Harris charged Stravinsky with a grave but common crime: cheapening a work's content by striving for sensational effects. Harris did not venture to attribute the scandalous premiere of the Rite of Spring to the high standards or artistic integrity of its audience members, but he was a firm believer in the infallible wisdom of the popular audience. “If we create an indigenous music worthy of our people,” he opined, “it will make its way swiftly and unfalteringly.”11 He had great faith that good pieces (including his own) would be both successful and in demand. What else could have led him—well before the height of his popularity—to the shockingly confident decision that he would write only on commission?
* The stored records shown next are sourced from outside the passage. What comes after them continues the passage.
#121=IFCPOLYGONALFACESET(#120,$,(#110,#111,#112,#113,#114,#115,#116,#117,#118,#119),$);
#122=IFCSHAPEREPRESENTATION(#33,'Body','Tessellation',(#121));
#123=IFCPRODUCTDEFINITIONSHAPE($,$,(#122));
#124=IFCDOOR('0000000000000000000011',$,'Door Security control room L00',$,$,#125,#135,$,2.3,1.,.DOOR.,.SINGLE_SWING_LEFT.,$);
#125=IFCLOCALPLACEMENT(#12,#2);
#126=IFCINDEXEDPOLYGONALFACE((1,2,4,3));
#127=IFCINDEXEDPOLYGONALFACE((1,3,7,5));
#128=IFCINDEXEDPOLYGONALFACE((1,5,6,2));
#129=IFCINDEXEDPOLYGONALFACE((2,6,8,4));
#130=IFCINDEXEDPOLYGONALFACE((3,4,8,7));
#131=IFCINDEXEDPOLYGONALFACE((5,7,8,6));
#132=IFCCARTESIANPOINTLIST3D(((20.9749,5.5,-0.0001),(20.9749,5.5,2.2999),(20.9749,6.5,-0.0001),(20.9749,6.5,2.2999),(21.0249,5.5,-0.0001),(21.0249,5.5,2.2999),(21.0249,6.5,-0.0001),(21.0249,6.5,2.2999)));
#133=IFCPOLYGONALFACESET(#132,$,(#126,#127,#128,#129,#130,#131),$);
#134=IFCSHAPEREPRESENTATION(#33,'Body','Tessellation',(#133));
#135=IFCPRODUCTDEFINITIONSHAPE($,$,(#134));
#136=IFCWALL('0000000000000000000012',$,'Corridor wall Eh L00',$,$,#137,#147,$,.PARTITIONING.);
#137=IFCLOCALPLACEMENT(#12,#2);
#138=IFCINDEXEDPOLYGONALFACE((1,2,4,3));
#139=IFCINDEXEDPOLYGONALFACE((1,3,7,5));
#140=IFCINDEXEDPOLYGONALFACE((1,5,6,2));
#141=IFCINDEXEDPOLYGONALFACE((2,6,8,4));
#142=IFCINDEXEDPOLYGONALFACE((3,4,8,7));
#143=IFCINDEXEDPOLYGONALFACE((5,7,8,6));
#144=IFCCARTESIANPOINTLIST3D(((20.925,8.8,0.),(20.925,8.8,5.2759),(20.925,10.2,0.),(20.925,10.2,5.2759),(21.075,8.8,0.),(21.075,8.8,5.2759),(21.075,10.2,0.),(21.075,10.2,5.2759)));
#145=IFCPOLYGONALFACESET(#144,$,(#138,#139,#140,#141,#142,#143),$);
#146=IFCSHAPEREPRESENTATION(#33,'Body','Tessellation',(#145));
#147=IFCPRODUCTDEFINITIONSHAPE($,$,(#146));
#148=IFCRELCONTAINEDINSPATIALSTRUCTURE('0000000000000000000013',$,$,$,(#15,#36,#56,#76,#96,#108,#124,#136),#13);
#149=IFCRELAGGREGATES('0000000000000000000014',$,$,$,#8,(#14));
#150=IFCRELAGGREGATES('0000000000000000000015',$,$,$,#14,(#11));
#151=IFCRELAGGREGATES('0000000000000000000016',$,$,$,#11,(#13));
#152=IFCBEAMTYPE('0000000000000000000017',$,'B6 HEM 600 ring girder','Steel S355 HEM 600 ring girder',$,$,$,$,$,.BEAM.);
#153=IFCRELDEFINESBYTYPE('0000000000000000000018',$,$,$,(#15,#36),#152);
Harris's diatonic musical language, his avoidance of dissonance, his reliance on Americanist imagery, and (especially after 1940) his commitment to writing works that could be performed by amateur or school groups—all these elements gave his music a market value that he felt obliged both to advertise and to rationalize. His concern for profit was rendered respectable by his widely publicized view that composers were to be socially useful and should thus be valued (and paid) as other professionals were. Harris's pursuit of popular acclaim thus blurred the boundaries between idealism and materialism. This strategy might have set him apart from the more esoteric modernists of the 1920s, but it put him right at home in the left-leaning politics of Depression-era America.